This article deals with necessary and sufficient conditions for a family of elements in a Euclidean Jordan algebra to have simultaneous (order) spectral decomposition. Motivated by a well-known matrix theory result that any family of pairwise commuting complex Hermitian matrices is simultaneously (unitarily) diagonalizable, we show that in the setting of a general Euclidean Jordan algebra, any family of pairwise operator commuting elements has a simultaneous spectral decomposition, i.e. there exists a common Jordan frame {e₁, e₂, …, e_n} relative to which every element in the given family has the eigenvalue decomposition of the form λ₁e₁ + λ₂e₂ + · · · + λ_ne_n. The simultaneous order spectral decomposition further demands the ordering of eigenvalues λ₁ ≥ λ₂ ≥ · · · ≥ λ_n. We characterize this by a pairwise strong operator commutativity condition 〈x, y〉 = 〈λ(x), λ(y)〉 or, equivalently, λ(x + y) = λ(x) + λ(y), where λ(x) denotes the vector of eigenvalues of x written in the decreasing order. Going beyond Euclidean Jordan algebras, we formulate commutativity conditions in the setting of the so-called Fan–Theobald–von Neumann system that includes normal decomposition systems (Eaton triples) and certain systems induced by hyperbolic polynomials.

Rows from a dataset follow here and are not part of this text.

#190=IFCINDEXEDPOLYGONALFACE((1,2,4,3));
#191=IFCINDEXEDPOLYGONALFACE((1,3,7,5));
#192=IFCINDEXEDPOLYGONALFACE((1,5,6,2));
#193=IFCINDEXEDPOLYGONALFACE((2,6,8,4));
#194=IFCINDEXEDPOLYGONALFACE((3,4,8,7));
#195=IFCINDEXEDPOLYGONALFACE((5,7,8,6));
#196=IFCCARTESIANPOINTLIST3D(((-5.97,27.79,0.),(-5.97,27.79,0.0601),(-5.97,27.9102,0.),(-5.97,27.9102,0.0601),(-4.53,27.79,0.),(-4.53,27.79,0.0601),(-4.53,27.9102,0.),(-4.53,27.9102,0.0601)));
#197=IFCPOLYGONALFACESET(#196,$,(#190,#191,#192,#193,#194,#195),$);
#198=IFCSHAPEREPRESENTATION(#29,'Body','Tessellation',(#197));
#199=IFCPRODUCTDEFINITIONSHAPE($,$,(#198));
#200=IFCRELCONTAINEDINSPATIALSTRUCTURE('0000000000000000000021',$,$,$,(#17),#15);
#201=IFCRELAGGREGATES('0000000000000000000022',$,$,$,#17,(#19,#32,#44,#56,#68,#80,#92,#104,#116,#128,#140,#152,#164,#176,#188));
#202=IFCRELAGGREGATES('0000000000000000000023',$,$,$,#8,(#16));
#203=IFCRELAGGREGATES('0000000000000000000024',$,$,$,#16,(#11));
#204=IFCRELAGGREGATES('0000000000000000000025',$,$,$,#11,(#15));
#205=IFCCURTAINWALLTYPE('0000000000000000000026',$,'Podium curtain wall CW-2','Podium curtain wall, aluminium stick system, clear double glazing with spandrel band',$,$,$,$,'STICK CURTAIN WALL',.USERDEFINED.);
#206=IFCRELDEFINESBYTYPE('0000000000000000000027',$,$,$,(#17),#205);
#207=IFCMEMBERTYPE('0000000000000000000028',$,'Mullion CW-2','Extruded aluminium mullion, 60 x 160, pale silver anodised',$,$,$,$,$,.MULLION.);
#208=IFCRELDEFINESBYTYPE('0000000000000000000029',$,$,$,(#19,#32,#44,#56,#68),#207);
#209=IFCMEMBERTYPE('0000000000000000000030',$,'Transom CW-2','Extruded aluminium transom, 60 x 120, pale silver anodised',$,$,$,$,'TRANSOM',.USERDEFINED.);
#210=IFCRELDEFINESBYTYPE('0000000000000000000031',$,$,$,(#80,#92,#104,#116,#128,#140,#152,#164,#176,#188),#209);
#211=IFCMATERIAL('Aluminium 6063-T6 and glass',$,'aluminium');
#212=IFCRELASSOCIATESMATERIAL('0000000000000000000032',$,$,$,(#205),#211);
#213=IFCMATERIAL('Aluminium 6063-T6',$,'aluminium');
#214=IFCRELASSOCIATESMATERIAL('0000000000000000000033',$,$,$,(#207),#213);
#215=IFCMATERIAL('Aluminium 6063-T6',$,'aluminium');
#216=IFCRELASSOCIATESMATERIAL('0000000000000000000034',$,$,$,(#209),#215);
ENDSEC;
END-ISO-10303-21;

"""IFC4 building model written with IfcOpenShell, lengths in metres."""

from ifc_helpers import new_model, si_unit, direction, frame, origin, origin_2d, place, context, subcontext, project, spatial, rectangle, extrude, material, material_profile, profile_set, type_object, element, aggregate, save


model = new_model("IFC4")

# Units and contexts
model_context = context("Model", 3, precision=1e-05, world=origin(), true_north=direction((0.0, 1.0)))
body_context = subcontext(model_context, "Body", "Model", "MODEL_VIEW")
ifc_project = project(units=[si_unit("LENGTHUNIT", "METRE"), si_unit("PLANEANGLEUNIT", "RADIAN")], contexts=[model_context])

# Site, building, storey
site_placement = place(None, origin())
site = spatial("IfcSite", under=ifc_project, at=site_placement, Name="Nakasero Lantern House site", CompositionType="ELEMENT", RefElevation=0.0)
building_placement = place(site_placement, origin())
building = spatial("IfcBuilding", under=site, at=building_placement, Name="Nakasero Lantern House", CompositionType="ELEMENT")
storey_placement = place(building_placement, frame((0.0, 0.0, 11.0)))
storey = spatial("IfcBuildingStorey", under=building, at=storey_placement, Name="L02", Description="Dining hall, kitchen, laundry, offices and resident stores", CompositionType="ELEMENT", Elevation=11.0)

本文讨论欧几里得约旦代数中的元素族具有同时（阶）谱分解的必要条件和充分条件。受著名的矩阵理论结果的启发，即任何成对交换复数厄尔米特矩阵族都同时（单一地）对角化，我们表明，在一般欧几里得约旦代数的设置中，任何成对算子交换元素族都具有同时谱分解，即存在一个共同的 Jordan 框架 { e ₁ , e ₂ , …, en } 相对于给定族中的每个元素都具有λ ₁ e ₁  +  λ形式_{的特征值分解2} e ₂  + · · · +  λ _n e _n。同时阶谱分解进一步要求对特征值进行排序λ ₁  ≥  λ ₂  ≥ · · · ≥  λ _n。我们通过成对的强算子交换性条件 〈x , y〉 = 〈λ ( x ), λ ( y )〉 或等效地λ ( x  +  y ) =  λ ( x ) +  λ ( y ) 来表征这一点，其中λ ( x ) 表示按降序排列的x的特征值向量。超越欧几里得约旦代数，我们在所谓的 Fan-Theobald-von Neumann 系统的设置中制定了交换条件，该系统包括正常分解系统（伊顿三元组）和由双曲多项式诱导的某些系统。